Giving a background of the history of British foreign aid, Lankester said that the program was initiated in the 1960s and was driven by the British government’s belief that it had a moral obligation to its former colonies as well as practical political interests in those countries. In the 1980s, Lankester was the Permanent Secretary of the Overseas Development Administration – the ministry responsible for development aid. During his time in the ministry, “one of the most controversial projects ever funded by British aid” was taking place. This was the establishment of the Pergau Dam and power-generating project on the Malay-Thai border, which “was the largest funding in the history of British aid,” Lankester recalled.
The controversial Pergau Dam project was the result of a private agreement between some key members of the Malay and British governments and was based on Britain providing Malaysia with 200 million pounds worth of civil aid in return for sales of 1 billion pounds of defense equipment. Lankester recalled that an agreement based on the offer of British aid in return for arms sales was both unprecedented and against British policy and was thus divisive from the start. To make matters worse, once the agreement was signed between the two governments, the powerful contractors and companies assigned to building the project increased their estimates and the total cost for the project almost doubled.
Despite the increasing costs, and against the advice of British government officials and economists, the project went ahead with the support of Mrs. Thatcher and a host of others with special interests. Since both the prime ministers of Malaysia and Britain had backed the project, the other government departments buckled under the pressure and did not offer sufficient opposition to their leaders. Lankester described the situation as being one that suffered from conflicting policy agendas and the “excessive mixing of politics, business, and conflicts of interest.”
In his capacity as Permanent Secretary, Lankester was tasked with evaluating whether or not the money for the project was being properly and lawfully spent. Although the legal assessment at the time showed that the project was lawful, the spend for the project was based on taxpayers money and was so inefficient and uneconomic that Lankester felt obliged to formally disassociate himself and the civil service from it. “This,” he said “is a story of politics and special interests trumping sound development and sound economics.” Had there been more transparency, it may have been possible for parliament, the media, and other interest groups to formally oppose the project that ultimately damaged British-Malay relations at the time.
In conclusion, Lankester said that he was curious to know whether the very same project would have been viable today. His ex-post assessment, in light of increased gas prices over the years, was that the project would still be an uneconomic one by today’s calculations. As a final thought, he advised that the Pergau Dam case study provides valuable lessons for governments, and his advice was that “it is better to be transparent than obscure,” “don’t say one thing and do another,” “when things go wrong, don’t cover up,” and, lastly, “if you make one mistake, don’t compound it by making another.”

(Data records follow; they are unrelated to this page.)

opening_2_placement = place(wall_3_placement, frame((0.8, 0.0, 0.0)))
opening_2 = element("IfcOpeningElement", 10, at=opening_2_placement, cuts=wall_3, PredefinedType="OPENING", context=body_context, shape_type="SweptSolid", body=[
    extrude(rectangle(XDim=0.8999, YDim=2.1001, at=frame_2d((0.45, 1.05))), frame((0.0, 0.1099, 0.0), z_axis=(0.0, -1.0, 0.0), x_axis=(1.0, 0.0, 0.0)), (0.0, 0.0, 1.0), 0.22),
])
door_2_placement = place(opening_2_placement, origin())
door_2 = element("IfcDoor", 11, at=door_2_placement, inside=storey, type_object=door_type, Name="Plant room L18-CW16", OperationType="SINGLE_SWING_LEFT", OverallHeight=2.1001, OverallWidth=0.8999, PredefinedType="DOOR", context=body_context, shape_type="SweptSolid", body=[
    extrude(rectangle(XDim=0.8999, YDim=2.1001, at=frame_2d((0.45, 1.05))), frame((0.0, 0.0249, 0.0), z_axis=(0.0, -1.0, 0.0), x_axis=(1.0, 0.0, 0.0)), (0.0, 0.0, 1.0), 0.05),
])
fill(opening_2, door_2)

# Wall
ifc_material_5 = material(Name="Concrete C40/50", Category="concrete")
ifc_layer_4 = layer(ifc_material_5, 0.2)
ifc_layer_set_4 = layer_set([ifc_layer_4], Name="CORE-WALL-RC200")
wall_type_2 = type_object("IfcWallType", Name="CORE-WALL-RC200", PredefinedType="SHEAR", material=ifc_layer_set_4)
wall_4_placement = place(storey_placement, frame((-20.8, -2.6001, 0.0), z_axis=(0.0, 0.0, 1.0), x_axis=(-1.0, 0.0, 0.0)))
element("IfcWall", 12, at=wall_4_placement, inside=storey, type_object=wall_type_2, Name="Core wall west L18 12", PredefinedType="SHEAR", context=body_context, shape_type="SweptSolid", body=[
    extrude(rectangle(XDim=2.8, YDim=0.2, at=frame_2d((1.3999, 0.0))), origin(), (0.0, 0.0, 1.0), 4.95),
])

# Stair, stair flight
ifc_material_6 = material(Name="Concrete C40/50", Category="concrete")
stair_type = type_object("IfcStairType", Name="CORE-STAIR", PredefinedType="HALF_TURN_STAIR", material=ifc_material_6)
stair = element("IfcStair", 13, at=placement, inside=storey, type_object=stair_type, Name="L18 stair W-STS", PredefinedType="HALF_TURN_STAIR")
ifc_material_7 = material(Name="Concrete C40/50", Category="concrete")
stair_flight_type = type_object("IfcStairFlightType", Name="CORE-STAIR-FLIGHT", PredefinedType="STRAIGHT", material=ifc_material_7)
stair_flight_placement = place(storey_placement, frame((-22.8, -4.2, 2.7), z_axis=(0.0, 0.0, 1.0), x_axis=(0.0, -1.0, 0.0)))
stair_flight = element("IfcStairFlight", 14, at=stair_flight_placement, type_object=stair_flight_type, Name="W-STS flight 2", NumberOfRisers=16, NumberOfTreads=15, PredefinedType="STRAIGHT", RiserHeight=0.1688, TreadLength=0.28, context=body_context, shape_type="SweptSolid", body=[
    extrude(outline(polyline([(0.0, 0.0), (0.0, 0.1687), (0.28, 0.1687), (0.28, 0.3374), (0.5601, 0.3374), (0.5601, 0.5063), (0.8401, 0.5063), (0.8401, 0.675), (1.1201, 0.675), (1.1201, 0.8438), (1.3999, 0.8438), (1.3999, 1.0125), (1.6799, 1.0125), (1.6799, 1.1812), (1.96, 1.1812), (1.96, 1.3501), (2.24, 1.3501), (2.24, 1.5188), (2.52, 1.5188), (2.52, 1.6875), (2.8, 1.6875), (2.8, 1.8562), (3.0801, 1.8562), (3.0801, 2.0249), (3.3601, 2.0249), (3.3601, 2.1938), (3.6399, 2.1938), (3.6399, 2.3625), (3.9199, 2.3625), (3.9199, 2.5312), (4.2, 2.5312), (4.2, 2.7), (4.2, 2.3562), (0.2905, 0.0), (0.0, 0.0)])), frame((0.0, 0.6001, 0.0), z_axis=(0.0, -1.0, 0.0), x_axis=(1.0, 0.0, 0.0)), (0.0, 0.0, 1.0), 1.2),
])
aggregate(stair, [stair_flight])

Sir Tim Lankester is a member of the joint advisory board of the Georgetown University School of Foreign in Qatar. He was UK Executive Director on the boards of the IMF and World Bank, and later Permanent Secretary of the Overseas Development Administration. He was Director of the School of Oriental and African Studies, London University, and from 2001 to 2009 President of Corpus Christi College, Oxford. He has published articles and book reviews on aid and development.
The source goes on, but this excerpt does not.